Moreno-Ocampo did not name any suspects being targeted by prosecutors or identify atrocities they are alleged to have taken part in.

But he said investigators have proof of crimes against humanity and war crimes including murder, rape, torture, deliberate attacks on civilians, persecution and forcible expulsions.

More than 200,000 people have been killed and about 2.5 million people displaced in three years of fighting in Darfur between African rebels and government troops allied with Arab militia known as janjaweed.

U.N. investigators have blamed the janjaweed for the bulk of atrocities such as murders, rapes, arson and looting.

Moreno-Ocampo’s announcement came a day after U.N. humanitarian chief Jan Egeland said there has been a "dramatic deterioration" in Darfur, where 4 million Sudanese are in desperate need of help as newly rearmed Arab militias and rebels escalate attacks and resume looting and burning villages.

Richard Dicker, of the New York-based Human Rights Watch, said he was very pleased with the announcement. He said the action came in "the context of ongoing horrific crimes being carried out both by the Sudanese armed forces and janjaweed militia against innocent civilians who remain at risk of the kinds of arbitrary killings, rape, torture and mutilations that have characterized the conflict in Darfur since 2003-2004."

Dicker also dismissed Sudan’s move to set up a court for Darfur, saying it did little beyond "pay lip service" to prosecuting atrocities in the region.

Investigators carried out 70 missions in 17 different countries tracing victims, taking statements from more than 100 victims and witnesses and collecting documents, Moreno-Ocampo said.
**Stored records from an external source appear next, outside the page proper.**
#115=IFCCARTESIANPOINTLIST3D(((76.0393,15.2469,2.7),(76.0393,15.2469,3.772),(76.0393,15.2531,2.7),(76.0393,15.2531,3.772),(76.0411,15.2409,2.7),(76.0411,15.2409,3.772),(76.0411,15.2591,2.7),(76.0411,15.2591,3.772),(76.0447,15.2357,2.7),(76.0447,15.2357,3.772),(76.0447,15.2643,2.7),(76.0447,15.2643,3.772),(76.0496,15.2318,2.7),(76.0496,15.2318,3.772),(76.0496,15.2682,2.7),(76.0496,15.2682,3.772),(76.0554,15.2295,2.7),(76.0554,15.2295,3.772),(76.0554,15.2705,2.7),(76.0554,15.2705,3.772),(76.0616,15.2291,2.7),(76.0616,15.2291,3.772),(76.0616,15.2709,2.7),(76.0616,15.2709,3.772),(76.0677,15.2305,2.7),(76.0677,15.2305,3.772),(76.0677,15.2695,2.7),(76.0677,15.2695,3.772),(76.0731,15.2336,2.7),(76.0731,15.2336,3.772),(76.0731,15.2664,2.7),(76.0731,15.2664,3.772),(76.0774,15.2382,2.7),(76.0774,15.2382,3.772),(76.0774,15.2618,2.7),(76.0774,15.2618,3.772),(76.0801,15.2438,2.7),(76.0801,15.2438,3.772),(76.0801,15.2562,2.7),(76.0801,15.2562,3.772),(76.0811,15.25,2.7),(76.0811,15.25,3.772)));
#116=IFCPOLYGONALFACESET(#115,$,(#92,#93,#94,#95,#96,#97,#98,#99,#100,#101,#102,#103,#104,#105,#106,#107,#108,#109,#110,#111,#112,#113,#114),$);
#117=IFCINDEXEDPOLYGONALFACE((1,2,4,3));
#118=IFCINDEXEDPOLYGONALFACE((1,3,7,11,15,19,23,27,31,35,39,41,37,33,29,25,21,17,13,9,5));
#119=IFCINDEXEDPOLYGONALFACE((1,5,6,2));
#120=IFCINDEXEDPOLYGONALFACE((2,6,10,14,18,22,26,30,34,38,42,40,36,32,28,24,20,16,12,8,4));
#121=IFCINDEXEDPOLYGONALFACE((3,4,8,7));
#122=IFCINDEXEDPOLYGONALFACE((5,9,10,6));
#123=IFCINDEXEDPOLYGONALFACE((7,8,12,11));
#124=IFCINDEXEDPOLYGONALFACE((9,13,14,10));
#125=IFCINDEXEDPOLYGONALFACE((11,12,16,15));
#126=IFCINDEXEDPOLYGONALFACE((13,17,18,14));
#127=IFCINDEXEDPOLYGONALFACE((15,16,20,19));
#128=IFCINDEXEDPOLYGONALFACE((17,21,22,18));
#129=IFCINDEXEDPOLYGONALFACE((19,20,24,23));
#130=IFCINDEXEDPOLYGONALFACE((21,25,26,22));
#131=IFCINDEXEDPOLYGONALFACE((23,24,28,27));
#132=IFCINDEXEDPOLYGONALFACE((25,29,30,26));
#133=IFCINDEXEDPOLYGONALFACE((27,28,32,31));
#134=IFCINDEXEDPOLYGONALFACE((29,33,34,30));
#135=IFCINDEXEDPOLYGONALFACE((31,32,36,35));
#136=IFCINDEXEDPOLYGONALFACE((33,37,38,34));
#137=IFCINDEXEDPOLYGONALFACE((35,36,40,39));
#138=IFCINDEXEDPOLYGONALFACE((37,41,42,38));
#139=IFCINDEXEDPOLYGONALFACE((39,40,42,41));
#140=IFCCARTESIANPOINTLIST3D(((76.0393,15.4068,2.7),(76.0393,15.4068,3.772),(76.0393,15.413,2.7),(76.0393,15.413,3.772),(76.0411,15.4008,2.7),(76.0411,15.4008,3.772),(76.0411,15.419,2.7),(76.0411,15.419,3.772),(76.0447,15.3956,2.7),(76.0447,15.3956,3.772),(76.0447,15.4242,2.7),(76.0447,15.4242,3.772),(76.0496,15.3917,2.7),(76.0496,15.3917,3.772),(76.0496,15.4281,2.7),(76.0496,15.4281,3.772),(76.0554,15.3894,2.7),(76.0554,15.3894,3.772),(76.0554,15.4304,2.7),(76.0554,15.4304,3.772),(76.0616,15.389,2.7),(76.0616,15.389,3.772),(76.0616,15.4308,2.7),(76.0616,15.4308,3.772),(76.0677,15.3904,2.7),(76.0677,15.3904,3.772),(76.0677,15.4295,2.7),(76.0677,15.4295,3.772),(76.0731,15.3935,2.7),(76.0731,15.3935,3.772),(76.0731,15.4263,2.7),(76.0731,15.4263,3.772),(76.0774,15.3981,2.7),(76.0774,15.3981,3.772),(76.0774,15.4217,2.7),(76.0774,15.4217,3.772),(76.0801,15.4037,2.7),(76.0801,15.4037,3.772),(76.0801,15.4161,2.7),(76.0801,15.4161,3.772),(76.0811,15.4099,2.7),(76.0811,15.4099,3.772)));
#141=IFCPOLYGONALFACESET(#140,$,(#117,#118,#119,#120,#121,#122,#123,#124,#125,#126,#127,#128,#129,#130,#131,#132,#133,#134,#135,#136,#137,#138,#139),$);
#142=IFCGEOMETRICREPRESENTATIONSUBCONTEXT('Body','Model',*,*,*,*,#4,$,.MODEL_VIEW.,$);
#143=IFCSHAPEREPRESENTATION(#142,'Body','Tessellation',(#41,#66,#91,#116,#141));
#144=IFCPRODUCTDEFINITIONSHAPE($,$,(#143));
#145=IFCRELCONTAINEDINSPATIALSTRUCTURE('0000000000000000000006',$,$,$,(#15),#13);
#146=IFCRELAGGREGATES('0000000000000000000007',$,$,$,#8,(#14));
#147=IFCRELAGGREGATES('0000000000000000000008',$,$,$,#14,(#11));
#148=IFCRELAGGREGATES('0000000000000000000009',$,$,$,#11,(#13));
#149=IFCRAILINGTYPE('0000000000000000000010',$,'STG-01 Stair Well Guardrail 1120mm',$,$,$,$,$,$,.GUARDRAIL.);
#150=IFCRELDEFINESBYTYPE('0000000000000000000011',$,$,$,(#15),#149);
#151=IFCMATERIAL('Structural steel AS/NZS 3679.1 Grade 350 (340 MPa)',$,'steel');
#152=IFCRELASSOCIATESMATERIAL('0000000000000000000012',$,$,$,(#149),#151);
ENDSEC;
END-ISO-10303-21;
However, they have been unable to carry out investigations in Darfur itself because of the ongoing violence.

Moreno-Ocampo said Sudanese authorities had provided investigators with a government-ordered report that found that "from 2003 to 2004 grave human rights breaches were committed by all parties to the conflict and that in Darfur murder and crimes against humanity had been committed by all parties to the conflict."

The Sudanese report also "established that many allegations concerning incidents of murder have been attributed to ... Janjaweed, either acting alone or together with elements of the Sudanese security forces," Moreno-Ocampo said.

In May this year, Sudanese government officials detailed in writing Khartoum’s perspective on military operations in Darfur, Moreno-Ocampo said, adding that his investigators also interviewed two high-ranking civilian and military officials in Khartoum in August.

Moreno-Ocampo must now assess whether Sudanese authorities are making credible attempts to prosecute the same suspects and atrocities he is targeting. He said he should have finished that process by early next month.

If Moreno-Ocampo finds the Sudanese decides they are not, he will present his case to judges at the court who can then decide whether to file charges. Once that has been done, suspects would have to be arrested and transferred to The Hague — so far the court has only one suspect, alleged Congolese warlord Thomas Lubanga, in custody.

A hearing would then be scheduled to assess whether the evidence is strong enough to order suspects to stand trial.

Moreno-Ocampo also said his office continues to assess whether to launch a formal investigation in the Central African Republic, where there are reports of "hundreds of rapes, killing and looting."

He also is assessing whether to investigate atrocities in the Ivory Coast and is investigating possible war crimes in three other undisclosed countries.